# Latest Virtual Cockpit update killed my TTS



## johnny_hungus (Jun 14, 2009)

Would make a great newspaper headline I think!

So the latest VC update has totally borked my car and now they are going to mess around and replace the whole instrument cluster, of which I am VERY annoyed about, especially with the historic introduction of new squeaks and creaks from pulling apart anything that isn't factory fitted, especially on the dashboard.

Has anybody else experienced this? I am not happy at all and losing interest in the car, the more problems and stupid issues it is getting!


----------



## tommyknocker (Feb 10, 2012)

Wow, sorry to hear that, can you give us more details? Firmware before and after and kind of problems after the update?
Changing the instr. cluster it's certainly a pain but it's not a total tear apart , I guess there are a lot of chances you get a 100 % recovery

Inviato dal mio iPad utilizzando Tapatalk


----------



## johnny_hungus (Jun 14, 2009)

tommyknocker said:


> Wow, sorry to head that, can you give us more details? Firmware before and after and kind of problems after the update?
> Changing the instr. cluster it's certainly a pain but it's not a total tear apart , I guess there are a lot of chances you get a 100 % recovery
> 
> Inviato dal mio iPad utilizzando Tapatalk


I will find out what firmware was on and what the update was.

I lose confidence quite quickly, especially when I have been down this road before (dash pulled apart).

:x


----------



## tommyknocker (Feb 10, 2012)

Just saw you replaced it in a mk2. So weird they can mess up things so much with a simple software update. That's probably 
the reason why Audi doesn't allow us to update mmi from home.

Inviato dal mio iPad utilizzando Tapatalk


----------



## johnny_hungus (Jun 14, 2009)

tommyknocker said:


> Just saw you replaced it in a mk2. So weird they can mess up things so much with a simple software update. That's probably
> the reason why Audi doesn't allow us to update mmi from home.
> 
> Inviato dal mio iPad utilizzando Tapatalk


It was the WHOLE dashboard in my MK2, obviously no VC but they replaced the whole thing.

I knew I should have bought an RS5!!!


----------



## R_TTS (Mar 16, 2016)

Doesn't make much sense to me that the solution to a failed software update is to physically remove the intrument cluster. Are they unable to just roll back to the previous version?


----------



## johnny_hungus (Jun 14, 2009)

R_TTS said:


> Doesn't make much sense to me that the solution to a failed software update is to physically remove the intrument cluster. Are they unable to just roll back to the previous version?

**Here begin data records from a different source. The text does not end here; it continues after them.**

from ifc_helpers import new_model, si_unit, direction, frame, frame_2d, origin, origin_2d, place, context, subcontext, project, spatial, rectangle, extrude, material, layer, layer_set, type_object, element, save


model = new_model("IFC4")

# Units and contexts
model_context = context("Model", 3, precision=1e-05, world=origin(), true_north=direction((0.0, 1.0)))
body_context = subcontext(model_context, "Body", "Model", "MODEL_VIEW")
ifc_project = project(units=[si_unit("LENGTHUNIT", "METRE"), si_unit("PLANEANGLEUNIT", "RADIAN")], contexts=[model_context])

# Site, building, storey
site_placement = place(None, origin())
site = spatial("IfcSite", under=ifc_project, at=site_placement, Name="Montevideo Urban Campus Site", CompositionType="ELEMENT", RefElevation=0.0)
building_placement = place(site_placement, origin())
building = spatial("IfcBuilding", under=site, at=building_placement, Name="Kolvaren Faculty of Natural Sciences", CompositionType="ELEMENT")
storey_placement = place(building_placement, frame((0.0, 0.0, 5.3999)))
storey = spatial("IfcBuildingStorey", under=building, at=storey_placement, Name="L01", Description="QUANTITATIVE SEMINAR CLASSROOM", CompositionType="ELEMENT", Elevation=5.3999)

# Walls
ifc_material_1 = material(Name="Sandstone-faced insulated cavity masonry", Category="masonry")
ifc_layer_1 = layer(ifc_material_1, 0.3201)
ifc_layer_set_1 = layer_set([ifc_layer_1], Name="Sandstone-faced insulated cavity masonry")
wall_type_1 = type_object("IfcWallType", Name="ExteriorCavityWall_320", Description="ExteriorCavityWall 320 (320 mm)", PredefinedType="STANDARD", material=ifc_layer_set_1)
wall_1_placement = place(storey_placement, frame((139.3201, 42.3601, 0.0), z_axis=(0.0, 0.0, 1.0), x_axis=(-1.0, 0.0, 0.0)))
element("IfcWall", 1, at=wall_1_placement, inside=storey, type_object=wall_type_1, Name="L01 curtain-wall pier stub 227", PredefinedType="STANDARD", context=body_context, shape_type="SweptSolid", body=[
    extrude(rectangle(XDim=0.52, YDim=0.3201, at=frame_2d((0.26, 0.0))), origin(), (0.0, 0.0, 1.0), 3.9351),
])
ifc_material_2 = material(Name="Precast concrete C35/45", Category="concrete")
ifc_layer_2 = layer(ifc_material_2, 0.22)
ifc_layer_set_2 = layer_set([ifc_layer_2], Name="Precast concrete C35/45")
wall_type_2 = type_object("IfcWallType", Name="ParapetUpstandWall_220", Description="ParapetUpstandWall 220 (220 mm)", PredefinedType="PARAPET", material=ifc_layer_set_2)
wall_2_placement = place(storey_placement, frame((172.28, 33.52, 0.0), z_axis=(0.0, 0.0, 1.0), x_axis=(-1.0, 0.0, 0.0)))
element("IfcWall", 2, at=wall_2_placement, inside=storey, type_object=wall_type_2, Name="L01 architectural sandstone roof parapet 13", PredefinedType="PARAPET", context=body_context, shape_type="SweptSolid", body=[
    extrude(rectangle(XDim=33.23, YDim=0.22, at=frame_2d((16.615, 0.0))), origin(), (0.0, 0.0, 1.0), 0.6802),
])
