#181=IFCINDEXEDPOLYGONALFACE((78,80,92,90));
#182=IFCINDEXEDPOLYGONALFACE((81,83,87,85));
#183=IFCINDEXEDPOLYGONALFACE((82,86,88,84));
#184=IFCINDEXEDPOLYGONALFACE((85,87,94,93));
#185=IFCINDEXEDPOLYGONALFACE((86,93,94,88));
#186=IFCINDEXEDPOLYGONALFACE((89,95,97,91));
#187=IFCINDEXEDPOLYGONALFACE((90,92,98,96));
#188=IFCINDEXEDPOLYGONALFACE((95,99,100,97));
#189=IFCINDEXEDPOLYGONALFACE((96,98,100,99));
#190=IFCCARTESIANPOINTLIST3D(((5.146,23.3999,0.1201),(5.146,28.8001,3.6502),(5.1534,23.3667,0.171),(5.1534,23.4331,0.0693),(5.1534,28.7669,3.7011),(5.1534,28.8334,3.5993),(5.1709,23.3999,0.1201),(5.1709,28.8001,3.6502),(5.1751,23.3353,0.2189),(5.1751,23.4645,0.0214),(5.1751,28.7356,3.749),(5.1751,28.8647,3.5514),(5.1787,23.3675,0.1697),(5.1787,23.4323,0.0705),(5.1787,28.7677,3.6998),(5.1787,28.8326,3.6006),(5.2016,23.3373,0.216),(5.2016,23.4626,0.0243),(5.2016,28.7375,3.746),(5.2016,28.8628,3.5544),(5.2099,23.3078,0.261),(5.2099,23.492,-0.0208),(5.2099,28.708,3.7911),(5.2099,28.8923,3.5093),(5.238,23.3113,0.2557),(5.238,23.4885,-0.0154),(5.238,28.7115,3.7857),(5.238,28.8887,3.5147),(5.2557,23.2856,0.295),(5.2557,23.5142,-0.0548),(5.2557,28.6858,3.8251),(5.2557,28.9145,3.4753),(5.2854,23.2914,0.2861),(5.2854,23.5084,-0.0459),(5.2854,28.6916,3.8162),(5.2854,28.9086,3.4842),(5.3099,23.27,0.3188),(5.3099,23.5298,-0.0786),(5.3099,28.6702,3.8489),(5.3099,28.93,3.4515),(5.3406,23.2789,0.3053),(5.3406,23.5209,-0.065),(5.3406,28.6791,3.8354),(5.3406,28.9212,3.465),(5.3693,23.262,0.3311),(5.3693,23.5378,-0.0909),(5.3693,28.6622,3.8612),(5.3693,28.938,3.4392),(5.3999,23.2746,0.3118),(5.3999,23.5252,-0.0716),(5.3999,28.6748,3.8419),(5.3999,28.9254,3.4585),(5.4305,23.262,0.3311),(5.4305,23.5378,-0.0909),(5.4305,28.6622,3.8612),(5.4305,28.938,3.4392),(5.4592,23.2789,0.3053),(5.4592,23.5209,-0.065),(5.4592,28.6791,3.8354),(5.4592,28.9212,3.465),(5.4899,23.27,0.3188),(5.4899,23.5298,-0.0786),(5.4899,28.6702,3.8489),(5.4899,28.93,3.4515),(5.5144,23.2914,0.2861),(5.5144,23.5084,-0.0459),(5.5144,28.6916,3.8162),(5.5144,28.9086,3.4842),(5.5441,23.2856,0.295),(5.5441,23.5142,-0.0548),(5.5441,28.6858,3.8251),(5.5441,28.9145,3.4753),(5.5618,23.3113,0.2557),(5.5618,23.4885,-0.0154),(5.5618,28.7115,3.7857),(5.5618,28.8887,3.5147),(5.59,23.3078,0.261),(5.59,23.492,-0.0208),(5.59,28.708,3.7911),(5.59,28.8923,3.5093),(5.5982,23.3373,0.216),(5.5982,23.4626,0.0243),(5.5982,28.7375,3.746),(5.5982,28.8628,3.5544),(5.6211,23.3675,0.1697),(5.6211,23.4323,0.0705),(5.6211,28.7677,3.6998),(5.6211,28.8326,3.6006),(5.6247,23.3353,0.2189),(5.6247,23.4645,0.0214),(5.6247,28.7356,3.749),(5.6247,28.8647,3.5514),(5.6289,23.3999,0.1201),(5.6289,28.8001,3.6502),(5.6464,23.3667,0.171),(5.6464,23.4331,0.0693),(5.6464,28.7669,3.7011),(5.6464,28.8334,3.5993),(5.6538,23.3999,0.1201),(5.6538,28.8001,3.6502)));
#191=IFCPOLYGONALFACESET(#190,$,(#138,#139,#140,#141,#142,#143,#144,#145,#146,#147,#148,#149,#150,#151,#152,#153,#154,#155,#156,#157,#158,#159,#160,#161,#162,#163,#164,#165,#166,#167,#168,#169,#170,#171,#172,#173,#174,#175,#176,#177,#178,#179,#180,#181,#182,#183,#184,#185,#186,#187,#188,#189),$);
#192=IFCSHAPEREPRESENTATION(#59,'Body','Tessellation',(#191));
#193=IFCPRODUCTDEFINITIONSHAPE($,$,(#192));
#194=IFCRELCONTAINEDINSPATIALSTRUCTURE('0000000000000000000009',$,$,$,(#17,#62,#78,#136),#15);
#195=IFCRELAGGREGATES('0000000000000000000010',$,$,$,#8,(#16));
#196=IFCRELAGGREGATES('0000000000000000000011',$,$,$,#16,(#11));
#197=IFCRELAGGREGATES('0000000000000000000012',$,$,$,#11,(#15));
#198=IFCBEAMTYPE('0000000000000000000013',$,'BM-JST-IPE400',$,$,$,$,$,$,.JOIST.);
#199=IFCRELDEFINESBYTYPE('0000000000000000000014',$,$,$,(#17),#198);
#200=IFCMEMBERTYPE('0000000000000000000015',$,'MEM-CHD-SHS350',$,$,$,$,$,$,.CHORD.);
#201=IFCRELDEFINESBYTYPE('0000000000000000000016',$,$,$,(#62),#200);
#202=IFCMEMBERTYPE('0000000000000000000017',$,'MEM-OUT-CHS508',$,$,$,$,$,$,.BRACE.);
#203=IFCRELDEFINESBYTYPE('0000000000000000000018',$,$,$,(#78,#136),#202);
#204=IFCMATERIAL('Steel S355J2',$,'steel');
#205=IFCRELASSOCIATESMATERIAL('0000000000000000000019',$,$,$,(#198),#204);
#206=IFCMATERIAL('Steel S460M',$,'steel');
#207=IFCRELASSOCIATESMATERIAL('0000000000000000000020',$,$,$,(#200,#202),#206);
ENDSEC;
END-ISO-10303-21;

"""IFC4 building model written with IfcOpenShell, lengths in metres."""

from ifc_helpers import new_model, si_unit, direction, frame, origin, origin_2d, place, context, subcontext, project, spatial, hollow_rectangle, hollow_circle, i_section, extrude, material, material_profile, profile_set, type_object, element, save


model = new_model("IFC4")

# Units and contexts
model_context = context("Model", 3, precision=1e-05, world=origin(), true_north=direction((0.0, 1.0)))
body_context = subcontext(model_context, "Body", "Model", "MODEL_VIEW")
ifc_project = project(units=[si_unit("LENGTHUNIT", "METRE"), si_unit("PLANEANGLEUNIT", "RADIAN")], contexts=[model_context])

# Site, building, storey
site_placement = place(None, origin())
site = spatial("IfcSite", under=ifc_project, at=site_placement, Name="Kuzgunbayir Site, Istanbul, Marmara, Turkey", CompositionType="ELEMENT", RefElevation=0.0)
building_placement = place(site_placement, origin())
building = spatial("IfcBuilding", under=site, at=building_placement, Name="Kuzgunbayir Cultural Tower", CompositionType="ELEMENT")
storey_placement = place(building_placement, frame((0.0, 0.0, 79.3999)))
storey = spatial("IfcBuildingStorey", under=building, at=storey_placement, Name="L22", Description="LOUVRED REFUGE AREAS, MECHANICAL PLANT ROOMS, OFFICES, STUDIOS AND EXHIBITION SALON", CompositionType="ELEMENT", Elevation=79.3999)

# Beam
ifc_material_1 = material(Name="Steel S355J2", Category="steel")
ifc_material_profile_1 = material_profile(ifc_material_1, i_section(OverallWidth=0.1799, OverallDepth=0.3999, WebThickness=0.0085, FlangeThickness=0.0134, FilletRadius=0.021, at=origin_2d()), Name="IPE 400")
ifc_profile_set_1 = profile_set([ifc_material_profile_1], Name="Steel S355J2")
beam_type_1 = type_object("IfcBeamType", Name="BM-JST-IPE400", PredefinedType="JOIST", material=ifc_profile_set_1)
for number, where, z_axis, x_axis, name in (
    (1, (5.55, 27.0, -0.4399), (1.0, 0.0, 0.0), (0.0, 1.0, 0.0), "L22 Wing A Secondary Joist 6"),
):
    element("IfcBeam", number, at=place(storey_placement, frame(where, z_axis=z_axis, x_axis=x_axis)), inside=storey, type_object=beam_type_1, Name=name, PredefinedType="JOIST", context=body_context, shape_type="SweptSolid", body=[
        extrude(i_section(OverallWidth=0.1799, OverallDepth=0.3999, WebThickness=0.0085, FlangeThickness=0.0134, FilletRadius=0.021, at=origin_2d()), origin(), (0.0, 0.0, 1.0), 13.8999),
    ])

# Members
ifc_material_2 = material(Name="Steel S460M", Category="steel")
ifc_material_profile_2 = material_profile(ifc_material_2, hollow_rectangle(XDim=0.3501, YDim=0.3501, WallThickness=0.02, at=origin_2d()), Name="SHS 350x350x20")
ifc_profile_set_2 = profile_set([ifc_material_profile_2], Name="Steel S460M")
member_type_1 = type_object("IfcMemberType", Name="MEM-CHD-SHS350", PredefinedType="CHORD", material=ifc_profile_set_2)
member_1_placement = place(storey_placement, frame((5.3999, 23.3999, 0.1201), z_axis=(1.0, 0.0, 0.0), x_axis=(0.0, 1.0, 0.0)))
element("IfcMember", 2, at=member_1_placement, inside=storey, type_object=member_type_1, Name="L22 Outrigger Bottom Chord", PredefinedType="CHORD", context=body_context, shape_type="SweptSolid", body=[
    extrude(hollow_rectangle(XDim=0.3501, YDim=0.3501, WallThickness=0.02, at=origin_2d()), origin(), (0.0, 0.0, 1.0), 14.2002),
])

According to the dealers, no. They have had it hooked up to a life support system analysing the ECU for the last few days and bouncing data back and forth to Germany. The factory in Germany says replace the cluster.

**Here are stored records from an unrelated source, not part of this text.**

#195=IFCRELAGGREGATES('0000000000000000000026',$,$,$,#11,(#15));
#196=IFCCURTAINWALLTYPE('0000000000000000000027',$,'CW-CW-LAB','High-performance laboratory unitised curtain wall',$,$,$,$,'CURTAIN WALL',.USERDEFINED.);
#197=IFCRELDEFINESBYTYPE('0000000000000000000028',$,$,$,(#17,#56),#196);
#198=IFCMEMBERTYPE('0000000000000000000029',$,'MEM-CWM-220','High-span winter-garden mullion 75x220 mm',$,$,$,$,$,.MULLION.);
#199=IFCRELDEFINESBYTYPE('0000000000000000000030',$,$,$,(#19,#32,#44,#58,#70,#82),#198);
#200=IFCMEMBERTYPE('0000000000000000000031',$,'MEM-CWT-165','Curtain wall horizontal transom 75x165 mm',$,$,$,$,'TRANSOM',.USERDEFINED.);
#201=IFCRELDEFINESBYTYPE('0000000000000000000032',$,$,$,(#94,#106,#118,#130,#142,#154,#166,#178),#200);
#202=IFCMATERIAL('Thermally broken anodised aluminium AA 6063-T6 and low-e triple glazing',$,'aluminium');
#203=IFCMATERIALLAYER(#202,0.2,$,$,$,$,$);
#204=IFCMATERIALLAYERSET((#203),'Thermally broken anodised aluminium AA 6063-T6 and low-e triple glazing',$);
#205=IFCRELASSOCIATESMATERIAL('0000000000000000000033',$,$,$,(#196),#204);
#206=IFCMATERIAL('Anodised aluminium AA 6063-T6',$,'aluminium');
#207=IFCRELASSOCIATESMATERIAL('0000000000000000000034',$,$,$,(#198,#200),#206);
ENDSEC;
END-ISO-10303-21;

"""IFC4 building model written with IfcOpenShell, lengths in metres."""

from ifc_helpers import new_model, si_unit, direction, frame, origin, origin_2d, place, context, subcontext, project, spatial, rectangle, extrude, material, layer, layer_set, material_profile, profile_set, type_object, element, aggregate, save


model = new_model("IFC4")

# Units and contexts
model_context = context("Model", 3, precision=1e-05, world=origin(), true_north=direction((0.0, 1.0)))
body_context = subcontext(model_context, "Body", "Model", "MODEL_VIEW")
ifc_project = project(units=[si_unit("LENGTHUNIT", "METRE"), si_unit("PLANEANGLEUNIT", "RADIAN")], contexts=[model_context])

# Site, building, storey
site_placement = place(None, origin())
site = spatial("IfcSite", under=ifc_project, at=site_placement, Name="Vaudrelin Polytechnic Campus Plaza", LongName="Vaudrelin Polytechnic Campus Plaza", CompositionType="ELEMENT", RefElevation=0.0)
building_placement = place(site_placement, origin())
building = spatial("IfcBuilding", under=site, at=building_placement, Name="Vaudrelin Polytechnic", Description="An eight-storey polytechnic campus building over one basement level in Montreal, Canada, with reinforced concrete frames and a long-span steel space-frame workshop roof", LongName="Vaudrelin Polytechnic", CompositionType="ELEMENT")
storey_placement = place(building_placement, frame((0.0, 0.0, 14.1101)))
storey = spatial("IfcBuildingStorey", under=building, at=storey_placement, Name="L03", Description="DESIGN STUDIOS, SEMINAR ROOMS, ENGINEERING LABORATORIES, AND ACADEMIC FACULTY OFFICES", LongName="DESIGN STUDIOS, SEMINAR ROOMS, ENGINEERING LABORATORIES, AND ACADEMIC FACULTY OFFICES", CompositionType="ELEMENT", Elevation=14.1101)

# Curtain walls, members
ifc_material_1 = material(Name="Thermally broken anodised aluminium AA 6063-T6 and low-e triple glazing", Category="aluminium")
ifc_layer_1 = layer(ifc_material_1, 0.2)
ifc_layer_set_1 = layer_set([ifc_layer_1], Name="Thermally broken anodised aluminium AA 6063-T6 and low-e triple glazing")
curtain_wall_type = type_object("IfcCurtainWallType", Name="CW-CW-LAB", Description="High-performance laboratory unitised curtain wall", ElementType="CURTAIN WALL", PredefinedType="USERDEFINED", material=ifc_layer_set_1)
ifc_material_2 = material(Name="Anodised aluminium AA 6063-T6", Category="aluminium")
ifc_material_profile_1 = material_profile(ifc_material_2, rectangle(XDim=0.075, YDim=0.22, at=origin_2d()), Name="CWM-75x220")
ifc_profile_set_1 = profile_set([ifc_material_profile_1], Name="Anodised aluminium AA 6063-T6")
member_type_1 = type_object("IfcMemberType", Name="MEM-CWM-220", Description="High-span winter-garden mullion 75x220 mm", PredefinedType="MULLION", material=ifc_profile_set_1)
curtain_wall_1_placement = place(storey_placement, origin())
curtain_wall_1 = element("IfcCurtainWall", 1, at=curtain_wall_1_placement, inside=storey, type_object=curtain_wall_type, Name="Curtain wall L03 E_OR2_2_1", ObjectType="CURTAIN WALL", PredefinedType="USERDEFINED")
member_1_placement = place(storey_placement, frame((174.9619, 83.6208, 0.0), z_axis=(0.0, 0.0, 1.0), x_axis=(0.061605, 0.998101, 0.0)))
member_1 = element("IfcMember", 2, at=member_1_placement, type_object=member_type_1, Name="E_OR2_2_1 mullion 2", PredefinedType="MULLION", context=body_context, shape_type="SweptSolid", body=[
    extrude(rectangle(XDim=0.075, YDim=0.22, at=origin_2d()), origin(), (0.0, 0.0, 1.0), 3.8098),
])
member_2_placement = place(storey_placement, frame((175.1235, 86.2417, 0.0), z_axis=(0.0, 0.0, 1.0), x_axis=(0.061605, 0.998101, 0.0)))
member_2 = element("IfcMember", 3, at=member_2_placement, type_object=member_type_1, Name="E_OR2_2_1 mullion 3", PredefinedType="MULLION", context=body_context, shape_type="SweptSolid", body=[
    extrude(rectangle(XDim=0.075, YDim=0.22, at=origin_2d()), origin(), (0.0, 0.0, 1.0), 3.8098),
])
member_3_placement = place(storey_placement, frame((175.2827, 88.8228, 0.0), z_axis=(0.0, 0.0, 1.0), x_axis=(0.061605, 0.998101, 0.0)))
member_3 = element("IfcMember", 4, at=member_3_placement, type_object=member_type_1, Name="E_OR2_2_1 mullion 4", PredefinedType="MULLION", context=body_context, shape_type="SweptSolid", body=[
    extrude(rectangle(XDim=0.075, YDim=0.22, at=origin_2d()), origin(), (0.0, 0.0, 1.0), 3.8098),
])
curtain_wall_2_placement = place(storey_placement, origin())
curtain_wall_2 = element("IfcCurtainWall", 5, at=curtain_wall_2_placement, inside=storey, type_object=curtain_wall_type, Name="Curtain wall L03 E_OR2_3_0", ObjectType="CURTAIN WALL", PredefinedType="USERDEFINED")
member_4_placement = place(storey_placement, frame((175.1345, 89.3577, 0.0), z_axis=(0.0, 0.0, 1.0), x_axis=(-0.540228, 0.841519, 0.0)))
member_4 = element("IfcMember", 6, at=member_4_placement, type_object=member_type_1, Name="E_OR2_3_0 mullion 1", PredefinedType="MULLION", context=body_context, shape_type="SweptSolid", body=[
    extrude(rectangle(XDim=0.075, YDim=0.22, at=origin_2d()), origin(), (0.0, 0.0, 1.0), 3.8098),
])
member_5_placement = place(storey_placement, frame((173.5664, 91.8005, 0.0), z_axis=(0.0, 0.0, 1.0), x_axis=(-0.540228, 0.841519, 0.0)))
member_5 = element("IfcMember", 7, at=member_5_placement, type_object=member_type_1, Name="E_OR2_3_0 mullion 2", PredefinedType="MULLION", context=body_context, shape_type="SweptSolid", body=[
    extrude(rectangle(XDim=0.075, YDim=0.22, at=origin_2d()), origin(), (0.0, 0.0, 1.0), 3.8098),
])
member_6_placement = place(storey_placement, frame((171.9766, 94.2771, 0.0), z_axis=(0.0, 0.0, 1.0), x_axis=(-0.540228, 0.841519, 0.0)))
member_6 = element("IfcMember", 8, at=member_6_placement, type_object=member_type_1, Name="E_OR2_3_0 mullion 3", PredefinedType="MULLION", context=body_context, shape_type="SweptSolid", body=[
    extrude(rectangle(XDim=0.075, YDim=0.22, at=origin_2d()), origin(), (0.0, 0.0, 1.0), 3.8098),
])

Sounds to me like they don't have a clue what is wrong and are replacing it as a last resort.

Really not happy about this but don't have a choice.


----------



## noname (Aug 20, 2015)

One thing they always said to me is, upgrading a software but there is no need, could block the car..
And I've always thought are fakes..
Luckily they did the damage and they fix it but it remains odd anyway that a vc update can block the car..and we trust them!


----------



## ZephyR2 (Feb 20, 2013)

Have they tried Control - Alt - Delete? That usually fixes things.


----------



## noname (Aug 20, 2015)

ahah reboot with an electric shock!


----------



## 4433allanr (Mar 11, 2016)

Insist on a courtesy car and stick as many miles on as you can, take that long trip you've always wanted to do, watch their faces when you hand it back.


----------



## johnny_hungus (Jun 14, 2009)

4433allanr said:


> Insist on a courtesy car and stick as many miles on as you can, take that long trip you've always wanted to do, watch their faces when you hand it back.


I have had an A5 for a week now, it's okay but a bit like a boat :lol:


----------



## James cole (Sep 3, 2007)

Did you ever get this resolved?

Mines dead too for the same update...


----------



## ray3733 (Mar 10, 2017)

James cole said:


> Did you ever get this resolved?
> 
> Mines dead too for the same update...


Can I ask what type of update ? Software version? Firmware?


----------



## James cole (Sep 3, 2007)

ray3733 said:


> James cole said:
> 
> 
> > Did you ever get this resolved?
> ...


My Dealership wasnt very clear, they just said instrument panel update...


----------



## noname (Aug 20, 2015)

it's the power management update that cause problems!


----------



## James cole (Sep 3, 2007)

ManuTT said:


> it's the power management update that cause problems!


I see, and is there a fix? Because my dealer is stumped.


----------



## noname (Aug 20, 2015)

Update again or update also the other unit warning Audi that you have this problem.


----------



## James cole (Sep 3, 2007)

ManuTT said:


> Update again or update also the other unit warning Audi that you have this problem.


Sorry what other unit? what fixed you problem? did they had to replace your whole cluster?


----------



## noname (Aug 20, 2015)

The problem is with the update that sometime could been not compatible with the other car's unit.. you're not the first one with this problem, just ask for update again or tell them to ask Audi for a main update


----------



## James cole (Sep 3, 2007)

ManuTT said:


> The problem is with the update that sometime could been not compatible with the other car's unit.. you're not the first one with this problem, just ask for update again or tell them to ask Audi for a main update


Thanks!

Well my car is still at the dealer and they cant fix it... they connected directly to Germany but they are stumped as well... the weird this is that mine and another guy´s TT have been "killed" and are side by side working on them...

Will this update have my MMI Firmware updated to the latest release?


----------



## noname (Aug 20, 2015)

The update is for the unit 9 because it's for the power management..the vc update is another one but same fw and nothing relevant.
It's a tricky problem, maybe the procedure done was not corrected..but I read about 5 car already!


----------